Ou encore, lorsque Florian d’Un Flotus à Vélo nous a contactés via notre page Facebook, nous avons organisé un rendez-vous à midi peu après la frontière polono-lituanienne au bord d’un lac qu’ils avaient repéré en vue satellite sur l’application Maps.ME. Cette plage se situait à peu près à mi-parcours entre nos deux groupes, mais ne nous faisait parcourir que 55 kilomètres ce jour-là.

le bivouac collectif

Bivouac collectif ! (source : En Echappée)

Résultat : le meilleur bivouac du voyage ! La plage était parfaite pour se baigner et faire une lessive, nous avions tout l’après-midi devant nous pour profiter de l’endroit et pour faire connaissance avec Meli, Florian et Guillaume, et nous avons posé nos tentes dans une clairière aménagée avec une vue imprenable sur le coucher de soleil sur la plage.

Il y avait cependant un contrecoup à ça : une étape de 142 kilomètres nous attendait le lendemain pour atteindre, fatigués, Vilnius à 19 heures.

Bilan : pédaler 100 kilomètres par jour

Pédaler une centaine de kilomètres par jour était pour nous un défi sportif et nous a permis de parcourir, au rythme du voyageur à vélo, de nombreuses régions et pays en un temps limité. Nous avons vu et vécu tant de choses en un mois !

Le côté négatif ? Des pauses limitées, car on est toujours assez pressés par le temps, et peu de temps libre pour les soirées.

Avantages

Beaucoup de régions parcourues

Un beau défi

Inconvénients

Pressés par le temps 

Moins de flexibilité

C’était une aventure humaine et sportive extraordinaire, mais je ne souhaite pas reproduire ce rythme pour les prochains voyages. Pour la prochaine fois, j’aimerais reprendre un rythme plus lent, même si cela veut dire voir moins d’endroits et devoir gérer ma frustration de parcourir “si peu”.

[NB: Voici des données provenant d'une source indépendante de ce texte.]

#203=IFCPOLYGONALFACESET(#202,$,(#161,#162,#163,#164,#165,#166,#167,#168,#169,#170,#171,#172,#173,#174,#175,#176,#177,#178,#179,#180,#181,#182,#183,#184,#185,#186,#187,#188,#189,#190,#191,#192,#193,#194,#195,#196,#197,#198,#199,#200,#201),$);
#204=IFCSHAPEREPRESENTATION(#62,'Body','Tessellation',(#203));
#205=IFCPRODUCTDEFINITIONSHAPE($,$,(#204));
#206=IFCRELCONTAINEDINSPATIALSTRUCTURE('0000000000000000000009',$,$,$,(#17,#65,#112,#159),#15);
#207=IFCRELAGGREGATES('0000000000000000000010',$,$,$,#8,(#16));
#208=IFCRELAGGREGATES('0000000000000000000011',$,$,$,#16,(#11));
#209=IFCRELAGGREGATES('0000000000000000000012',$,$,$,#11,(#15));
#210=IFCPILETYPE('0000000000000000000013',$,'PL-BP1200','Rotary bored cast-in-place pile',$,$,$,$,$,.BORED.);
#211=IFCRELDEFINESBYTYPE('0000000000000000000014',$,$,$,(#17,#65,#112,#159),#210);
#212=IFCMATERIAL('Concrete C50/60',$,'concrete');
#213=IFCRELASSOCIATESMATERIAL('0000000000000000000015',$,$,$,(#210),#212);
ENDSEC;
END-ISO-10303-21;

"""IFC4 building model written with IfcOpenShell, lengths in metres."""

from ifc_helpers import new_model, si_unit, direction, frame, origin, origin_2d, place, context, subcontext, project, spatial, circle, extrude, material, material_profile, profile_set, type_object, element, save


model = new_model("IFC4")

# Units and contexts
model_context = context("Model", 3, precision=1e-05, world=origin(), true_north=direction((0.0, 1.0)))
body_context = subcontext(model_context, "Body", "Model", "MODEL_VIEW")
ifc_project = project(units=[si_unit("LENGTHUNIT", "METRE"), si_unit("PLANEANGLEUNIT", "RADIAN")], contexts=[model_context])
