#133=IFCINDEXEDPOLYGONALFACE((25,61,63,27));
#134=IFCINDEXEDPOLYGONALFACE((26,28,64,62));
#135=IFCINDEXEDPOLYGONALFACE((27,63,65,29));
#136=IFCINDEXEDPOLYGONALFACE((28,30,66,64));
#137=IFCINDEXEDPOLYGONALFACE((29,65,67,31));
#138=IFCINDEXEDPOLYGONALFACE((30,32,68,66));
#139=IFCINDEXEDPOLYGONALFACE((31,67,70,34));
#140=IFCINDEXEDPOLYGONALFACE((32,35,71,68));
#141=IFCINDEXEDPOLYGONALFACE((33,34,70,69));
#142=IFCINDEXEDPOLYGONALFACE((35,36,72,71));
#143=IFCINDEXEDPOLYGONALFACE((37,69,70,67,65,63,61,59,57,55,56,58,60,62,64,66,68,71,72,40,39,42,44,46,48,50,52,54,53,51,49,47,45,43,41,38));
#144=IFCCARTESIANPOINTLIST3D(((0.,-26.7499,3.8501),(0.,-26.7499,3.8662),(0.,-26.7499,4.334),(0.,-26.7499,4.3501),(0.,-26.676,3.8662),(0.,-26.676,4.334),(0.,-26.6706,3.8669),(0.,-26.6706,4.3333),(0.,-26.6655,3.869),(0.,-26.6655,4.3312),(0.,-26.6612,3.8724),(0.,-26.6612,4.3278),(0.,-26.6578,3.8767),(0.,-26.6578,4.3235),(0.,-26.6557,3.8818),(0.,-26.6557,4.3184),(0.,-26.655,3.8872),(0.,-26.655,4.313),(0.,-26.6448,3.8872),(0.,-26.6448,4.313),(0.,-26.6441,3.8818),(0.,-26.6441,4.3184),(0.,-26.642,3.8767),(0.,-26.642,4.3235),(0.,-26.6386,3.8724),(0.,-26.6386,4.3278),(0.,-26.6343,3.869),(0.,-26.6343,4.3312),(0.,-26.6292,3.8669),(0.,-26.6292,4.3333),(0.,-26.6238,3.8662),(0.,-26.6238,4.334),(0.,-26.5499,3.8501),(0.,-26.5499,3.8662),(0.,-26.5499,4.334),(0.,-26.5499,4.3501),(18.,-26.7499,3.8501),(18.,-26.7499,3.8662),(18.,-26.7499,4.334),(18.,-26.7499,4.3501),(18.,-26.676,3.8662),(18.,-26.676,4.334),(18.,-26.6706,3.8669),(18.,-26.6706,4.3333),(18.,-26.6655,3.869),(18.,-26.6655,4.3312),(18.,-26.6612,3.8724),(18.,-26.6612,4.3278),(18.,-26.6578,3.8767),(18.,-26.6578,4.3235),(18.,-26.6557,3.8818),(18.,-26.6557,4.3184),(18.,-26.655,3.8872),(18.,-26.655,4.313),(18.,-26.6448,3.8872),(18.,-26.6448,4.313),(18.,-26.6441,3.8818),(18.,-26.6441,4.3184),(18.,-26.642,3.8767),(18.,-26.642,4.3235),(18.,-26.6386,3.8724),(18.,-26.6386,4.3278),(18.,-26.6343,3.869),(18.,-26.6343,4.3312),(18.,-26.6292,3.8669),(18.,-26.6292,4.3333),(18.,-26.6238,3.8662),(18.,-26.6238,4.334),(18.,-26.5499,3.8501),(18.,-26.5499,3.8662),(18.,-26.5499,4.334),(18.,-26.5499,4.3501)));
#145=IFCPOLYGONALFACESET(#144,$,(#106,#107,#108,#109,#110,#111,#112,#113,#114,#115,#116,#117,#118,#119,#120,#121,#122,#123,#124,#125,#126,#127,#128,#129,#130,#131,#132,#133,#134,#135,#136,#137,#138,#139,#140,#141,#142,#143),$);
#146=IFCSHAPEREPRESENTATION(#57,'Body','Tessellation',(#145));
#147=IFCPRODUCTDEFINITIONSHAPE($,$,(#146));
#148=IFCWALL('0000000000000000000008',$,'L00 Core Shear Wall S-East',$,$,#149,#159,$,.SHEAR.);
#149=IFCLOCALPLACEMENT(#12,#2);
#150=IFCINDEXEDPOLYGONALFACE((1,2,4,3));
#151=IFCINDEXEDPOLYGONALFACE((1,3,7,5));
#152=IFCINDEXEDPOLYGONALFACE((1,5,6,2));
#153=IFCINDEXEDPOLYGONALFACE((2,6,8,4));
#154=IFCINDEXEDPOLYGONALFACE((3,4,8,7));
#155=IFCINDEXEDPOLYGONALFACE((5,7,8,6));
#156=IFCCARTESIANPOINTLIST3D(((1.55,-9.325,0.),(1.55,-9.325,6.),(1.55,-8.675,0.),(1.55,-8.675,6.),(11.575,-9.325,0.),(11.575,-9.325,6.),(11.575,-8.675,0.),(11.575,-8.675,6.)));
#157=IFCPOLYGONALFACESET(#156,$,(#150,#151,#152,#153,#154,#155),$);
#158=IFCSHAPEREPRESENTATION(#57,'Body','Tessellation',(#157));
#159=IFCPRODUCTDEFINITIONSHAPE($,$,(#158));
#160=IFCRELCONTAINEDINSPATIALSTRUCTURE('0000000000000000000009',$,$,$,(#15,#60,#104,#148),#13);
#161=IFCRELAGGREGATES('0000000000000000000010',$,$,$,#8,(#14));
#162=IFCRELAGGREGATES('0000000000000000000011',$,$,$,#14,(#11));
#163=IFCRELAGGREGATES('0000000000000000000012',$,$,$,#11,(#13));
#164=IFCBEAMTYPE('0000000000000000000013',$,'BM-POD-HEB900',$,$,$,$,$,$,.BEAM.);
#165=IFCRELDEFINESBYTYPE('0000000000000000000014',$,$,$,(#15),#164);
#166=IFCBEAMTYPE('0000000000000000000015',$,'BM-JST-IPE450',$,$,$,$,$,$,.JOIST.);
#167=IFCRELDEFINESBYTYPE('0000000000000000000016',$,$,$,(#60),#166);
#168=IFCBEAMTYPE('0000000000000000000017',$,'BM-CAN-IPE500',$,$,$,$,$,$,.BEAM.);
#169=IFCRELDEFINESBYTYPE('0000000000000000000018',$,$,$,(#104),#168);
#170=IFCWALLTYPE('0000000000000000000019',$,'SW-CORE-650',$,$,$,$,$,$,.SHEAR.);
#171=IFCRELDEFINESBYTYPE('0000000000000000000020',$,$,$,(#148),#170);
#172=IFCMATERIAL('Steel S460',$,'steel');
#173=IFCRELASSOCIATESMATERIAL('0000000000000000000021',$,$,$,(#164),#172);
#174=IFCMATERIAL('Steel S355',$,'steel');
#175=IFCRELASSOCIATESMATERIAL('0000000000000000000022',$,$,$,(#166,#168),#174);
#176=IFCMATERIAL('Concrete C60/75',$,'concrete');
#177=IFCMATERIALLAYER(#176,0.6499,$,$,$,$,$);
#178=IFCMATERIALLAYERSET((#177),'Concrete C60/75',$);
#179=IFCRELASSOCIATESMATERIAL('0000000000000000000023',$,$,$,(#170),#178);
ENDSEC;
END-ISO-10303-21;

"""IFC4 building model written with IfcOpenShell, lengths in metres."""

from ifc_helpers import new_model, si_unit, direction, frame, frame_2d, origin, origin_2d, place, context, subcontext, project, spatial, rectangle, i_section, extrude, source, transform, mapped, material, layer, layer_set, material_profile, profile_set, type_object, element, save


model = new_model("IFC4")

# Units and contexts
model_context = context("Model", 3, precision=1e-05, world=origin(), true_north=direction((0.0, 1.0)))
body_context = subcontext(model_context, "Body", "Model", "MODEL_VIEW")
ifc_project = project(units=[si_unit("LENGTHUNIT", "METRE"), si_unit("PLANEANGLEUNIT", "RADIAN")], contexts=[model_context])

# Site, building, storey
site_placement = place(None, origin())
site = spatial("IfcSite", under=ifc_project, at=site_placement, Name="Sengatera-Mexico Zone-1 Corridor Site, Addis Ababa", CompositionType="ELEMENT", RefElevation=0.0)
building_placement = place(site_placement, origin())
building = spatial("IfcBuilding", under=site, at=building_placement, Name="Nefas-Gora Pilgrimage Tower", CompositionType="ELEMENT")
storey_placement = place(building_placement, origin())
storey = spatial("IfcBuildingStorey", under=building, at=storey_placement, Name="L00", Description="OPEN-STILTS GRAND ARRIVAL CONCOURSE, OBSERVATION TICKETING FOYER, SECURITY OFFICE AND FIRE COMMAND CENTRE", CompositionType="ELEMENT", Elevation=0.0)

N’oublions pas que voir moins veut aussi dire voir plus ! Voir moins de kilomètres permet de prendre plus le temps de voir les détails des villages que l’on traverse, des emplacements de bivouac sur lesquels on s’arrête, des parcs où l’on se repose…

Je conclurais donc en disant que pour profiter d’un voyage, il faut trouver l’équilibre entre l’ambition de l’itinéraire et la lenteur qui permet de profiter des petites choses de la vie et de décrocher du rythme stressant de la vie moderne.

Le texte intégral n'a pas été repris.